Prevalence and determinants of pre-term deliveries in the University of Ilorin Teaching Hospital, Ilorin, Nigeria
Olugbenga A. Mokuolu1
BM Suleiman2
OO Adesiyun1
A Adeniyi1
1Neonatal Intensive Care Unit, Department of Paediatrics, University of Ilorin Teaching Hospital, Ilorin, Nigeria;
2Department of Paediatrics, Federal Medical Centre, Katsina, Nigeria
Correspondence: Correspondence: Olugbenga A. Mokuolu, Neonatal Intensive Care Unit, Department of Paediatrics, University of Ilorin Teaching Hospital, Ilorin, Nigeria. E-mail: mokuolu@unilorin.edu.ng

Introduction

Pre-term deliveries remain a significant perinatal challenge, with pre-term babies accounting for 5–25% of all deliveries and up to 75% of all perinatal mortality in some series.13 While only 0.87% of all live births occur at a gestational age less than 31 weeks, births below this gestational age are responsible for 84% of the neonatal mortalities among infants of all gestational ages in the developed world.4 In Nigeria, pre-term babies account for 40–60% of all perinatal deaths.57

The survival of these pre-term infants is a function of both their biological maturity and technological advancement.8 The latter has continued to improve in most developed countries, with continuing progress in neonatal intensive care, shifting the limit of viability towards younger gestational ages, with greater than 80% survival at 28 weeks gestation.811 Such improvements are also being seen in some developing countries, especially in Asia with survival rates of 50–60% being recorded at 26–27 weeks gestation.12 The same cannot be said for most African countries with poor health infrastructure, heavy debt burden, conflicts and endemic poverty. A previous study in Benin City recorded mortality of 92.6% in babies of less than 28 weeks gestation.13

Thus, the most rational way of reducing the impact of these deliveries on neonatal mortality is by reducing their incidence. This will be guided by a proper understanding of the risk factors associated with these deliveries.

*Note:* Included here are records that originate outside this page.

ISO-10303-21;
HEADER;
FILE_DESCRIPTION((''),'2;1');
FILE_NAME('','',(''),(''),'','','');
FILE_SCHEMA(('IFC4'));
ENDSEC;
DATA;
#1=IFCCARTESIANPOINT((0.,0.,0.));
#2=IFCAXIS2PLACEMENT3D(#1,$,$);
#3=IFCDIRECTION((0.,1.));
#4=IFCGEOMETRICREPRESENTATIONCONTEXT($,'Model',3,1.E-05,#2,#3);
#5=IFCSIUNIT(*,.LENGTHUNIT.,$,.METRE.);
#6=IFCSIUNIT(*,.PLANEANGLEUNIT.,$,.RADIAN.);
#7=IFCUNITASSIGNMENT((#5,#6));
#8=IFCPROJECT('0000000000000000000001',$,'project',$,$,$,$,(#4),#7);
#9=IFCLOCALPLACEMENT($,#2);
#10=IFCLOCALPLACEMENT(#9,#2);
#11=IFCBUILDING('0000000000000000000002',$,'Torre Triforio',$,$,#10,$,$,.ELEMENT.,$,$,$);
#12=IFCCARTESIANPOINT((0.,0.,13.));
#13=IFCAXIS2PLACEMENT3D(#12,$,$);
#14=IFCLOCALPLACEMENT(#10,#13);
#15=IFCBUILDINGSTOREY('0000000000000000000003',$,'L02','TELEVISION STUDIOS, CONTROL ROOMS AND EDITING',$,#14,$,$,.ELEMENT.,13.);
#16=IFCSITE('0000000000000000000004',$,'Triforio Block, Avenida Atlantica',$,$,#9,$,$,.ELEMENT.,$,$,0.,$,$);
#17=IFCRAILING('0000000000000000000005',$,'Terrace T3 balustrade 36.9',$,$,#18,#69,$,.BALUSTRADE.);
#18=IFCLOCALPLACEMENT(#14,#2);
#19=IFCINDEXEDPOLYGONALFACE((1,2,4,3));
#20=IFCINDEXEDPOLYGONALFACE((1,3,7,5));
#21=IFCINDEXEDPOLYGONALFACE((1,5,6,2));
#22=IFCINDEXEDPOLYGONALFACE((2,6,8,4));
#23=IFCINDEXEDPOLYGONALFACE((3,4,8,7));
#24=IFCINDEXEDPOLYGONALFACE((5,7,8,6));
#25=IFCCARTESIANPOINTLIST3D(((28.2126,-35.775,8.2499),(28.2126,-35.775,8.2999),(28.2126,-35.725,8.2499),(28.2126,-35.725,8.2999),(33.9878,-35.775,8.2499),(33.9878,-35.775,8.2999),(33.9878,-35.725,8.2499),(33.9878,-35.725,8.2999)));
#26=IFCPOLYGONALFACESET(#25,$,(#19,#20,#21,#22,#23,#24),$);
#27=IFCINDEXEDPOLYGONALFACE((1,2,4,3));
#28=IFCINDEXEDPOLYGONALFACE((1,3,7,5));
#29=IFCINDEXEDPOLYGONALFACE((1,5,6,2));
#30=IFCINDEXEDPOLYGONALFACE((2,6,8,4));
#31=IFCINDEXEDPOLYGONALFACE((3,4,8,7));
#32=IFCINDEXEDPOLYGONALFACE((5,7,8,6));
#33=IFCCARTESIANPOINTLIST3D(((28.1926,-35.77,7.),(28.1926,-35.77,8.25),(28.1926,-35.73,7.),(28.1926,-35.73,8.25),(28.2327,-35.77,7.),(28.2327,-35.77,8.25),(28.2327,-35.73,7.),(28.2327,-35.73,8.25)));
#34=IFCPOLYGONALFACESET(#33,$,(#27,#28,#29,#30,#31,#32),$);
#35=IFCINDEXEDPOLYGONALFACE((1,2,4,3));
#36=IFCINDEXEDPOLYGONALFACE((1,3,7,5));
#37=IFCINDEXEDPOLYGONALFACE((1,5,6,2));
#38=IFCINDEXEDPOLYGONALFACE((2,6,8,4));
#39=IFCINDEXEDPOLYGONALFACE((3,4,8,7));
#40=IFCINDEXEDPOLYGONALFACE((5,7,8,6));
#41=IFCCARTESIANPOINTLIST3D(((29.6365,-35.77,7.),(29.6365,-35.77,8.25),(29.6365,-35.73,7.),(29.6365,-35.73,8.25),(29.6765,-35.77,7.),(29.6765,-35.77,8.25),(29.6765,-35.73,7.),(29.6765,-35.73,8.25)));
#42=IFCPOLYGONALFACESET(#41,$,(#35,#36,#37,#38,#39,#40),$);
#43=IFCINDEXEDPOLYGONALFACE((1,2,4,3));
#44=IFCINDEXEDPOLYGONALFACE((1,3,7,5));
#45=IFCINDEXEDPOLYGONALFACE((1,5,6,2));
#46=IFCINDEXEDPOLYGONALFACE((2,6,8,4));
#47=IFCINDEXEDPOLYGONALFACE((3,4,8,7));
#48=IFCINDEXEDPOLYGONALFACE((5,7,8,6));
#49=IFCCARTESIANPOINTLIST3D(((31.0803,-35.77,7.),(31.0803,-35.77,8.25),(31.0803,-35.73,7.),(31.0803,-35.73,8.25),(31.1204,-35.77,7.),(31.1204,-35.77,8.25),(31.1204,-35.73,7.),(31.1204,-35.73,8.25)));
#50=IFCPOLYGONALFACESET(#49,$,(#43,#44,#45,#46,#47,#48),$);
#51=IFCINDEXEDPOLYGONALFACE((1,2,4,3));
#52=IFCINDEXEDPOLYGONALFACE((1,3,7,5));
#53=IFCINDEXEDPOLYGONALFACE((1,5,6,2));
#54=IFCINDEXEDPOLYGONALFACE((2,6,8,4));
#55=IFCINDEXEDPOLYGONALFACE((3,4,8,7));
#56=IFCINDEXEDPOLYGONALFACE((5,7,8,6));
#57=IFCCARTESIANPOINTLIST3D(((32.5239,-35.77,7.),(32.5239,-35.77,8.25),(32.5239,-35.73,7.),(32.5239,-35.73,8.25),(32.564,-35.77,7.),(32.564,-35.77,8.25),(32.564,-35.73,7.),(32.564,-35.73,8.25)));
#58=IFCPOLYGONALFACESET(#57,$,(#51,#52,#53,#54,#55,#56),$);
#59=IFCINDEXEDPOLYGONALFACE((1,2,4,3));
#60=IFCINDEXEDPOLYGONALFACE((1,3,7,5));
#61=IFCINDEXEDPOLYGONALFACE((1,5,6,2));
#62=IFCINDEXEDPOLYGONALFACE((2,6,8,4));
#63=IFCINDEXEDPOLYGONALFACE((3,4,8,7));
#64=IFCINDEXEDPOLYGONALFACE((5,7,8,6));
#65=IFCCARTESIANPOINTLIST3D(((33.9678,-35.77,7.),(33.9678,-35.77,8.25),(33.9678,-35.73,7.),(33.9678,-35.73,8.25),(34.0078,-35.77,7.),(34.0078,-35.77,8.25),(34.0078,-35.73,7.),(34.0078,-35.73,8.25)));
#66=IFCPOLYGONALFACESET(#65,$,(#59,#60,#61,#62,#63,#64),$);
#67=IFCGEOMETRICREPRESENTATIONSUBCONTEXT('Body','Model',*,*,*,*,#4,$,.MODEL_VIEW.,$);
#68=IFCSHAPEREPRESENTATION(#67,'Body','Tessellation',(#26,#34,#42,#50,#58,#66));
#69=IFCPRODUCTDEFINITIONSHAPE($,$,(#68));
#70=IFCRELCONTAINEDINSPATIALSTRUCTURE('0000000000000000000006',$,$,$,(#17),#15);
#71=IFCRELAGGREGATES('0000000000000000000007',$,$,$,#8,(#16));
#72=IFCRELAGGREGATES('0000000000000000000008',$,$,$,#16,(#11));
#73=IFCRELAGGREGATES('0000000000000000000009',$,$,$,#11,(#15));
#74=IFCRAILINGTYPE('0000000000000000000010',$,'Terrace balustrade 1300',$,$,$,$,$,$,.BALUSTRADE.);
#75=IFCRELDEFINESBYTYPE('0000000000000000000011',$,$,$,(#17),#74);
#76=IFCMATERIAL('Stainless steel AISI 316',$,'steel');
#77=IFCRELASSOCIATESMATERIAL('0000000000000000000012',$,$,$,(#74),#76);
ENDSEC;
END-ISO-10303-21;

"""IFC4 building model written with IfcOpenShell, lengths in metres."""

from ifc_helpers import new_model, si_unit, direction, frame, origin, origin_2d, place, context, subcontext, project, spatial, rectangle, extrude, material, type_object, element, save


model = new_model("IFC4")

# Units and contexts
model_context = context("Model", 3, precision=1e-05, world=origin(), true_north=direction((0.0, 1.0)))
body_context = subcontext(model_context, "Body", "Model", "MODEL_VIEW")
ifc_project = project(units=[si_unit("LENGTHUNIT", "METRE"), si_unit("PLANEANGLEUNIT", "RADIAN")], contexts=[model_context])

# Site, building, storey
site_placement = place(None, origin())
site = spatial("IfcSite", under=ifc_project, at=site_placement, Name="Triforio Block, Avenida Atlantica", CompositionType="ELEMENT", RefElevation=0.0)
building_placement = place(site_placement, origin())
building = spatial("IfcBuilding", under=site, at=building_placement, Name="Torre Triforio", CompositionType="ELEMENT")
storey_placement = place(building_placement, frame((0.0, 0.0, 13.0)))
storey = spatial("IfcBuildingStorey", under=building, at=storey_placement, Name="L02", Description="TELEVISION STUDIOS, CONTROL ROOMS AND EDITING", CompositionType="ELEMENT", Elevation=13.0)

# Railing
ifc_material_1 = material(Name="Stainless steel AISI 316", Category="steel")
railing_type = type_object("IfcRailingType", Name="Terrace balustrade 1300", PredefinedType="BALUSTRADE", material=ifc_material_1)
railing_1_placement = place(storey_placement, frame((28.2126, -35.75, 7.0)))
element("IfcRailing", 1, at=railing_1_placement, inside=storey, type_object=railing_type, Name="Terrace T3 balustrade 36.9", PredefinedType="BALUSTRADE", context=body_context, shape_type="SweptSolid", body=[
    extrude(rectangle(XDim=0.05, YDim=0.05, at=origin_2d()), frame((0.0, 0.0, 1.2749), z_axis=(1.0, 0.0, 0.0), x_axis=(0.0, 1.0, 0.0)), (0.0, 0.0, 1.0), 5.7751),
    extrude(rectangle(XDim=0.04, YDim=0.04, at=origin_2d()), origin(), (0.0, 0.0, 1.0), 1.25),
    extrude(rectangle(XDim=0.04, YDim=0.04, at=origin_2d()), frame((1.4438, 0.0, 0.0)), (0.0, 0.0, 1.0), 1.25),
    extrude(rectangle(XDim=0.04, YDim=0.04, at=origin_2d()), frame((2.8877, 0.0, 0.0)), (0.0, 0.0, 1.0), 1.25),
    extrude(rectangle(XDim=0.04, YDim=0.04, at=origin_2d()), frame((4.3313, 0.0, 0.0)), (0.0, 0.0, 1.0), 1.25),
    extrude(rectangle(XDim=0.04, YDim=0.04, at=origin_2d()), frame((5.7751, 0.0, 0.0)), (0.0, 0.0, 1.0), 1.25),
])

save(model, "model.ifc")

Many factors have been associated with these deliveries. These include history of previous pre-term birth, severe maternal hypertension, spontaneous pre-term rupture of fetal membranes, maternal age over fifty years, urinary tract infection, maternal anemia, maternal illness during pregnancy, previous abortion, nulliparity and low body mass index.14, 1519 The direct cause is, however, usually not apparent.15 Most available data come from Europe, North America and Asia, with few data from Africa.1419

Hence this study was conducted to estimate the prevalence of pre-term delivery and identify associated factors.


Materials and Methods

The study was conducted at the Maternity Hospital Wing of the University of Ilorin Teaching Hospital, Ilorin. This wing of the hospital provides secondary and tertiary health-care services in neonatology, obstetrics and gynecology. It attends to both booked and unbooked emergency cases. The annual delivery rate is 2,000 to 2,500. Deliveries are both vaginal (spontaneous and assisted) and operative. The neonatal intensive care unit (NICU) provides level II care to both inborn and outborn neonates. It admits between 1,000 and 1,200 patients annually.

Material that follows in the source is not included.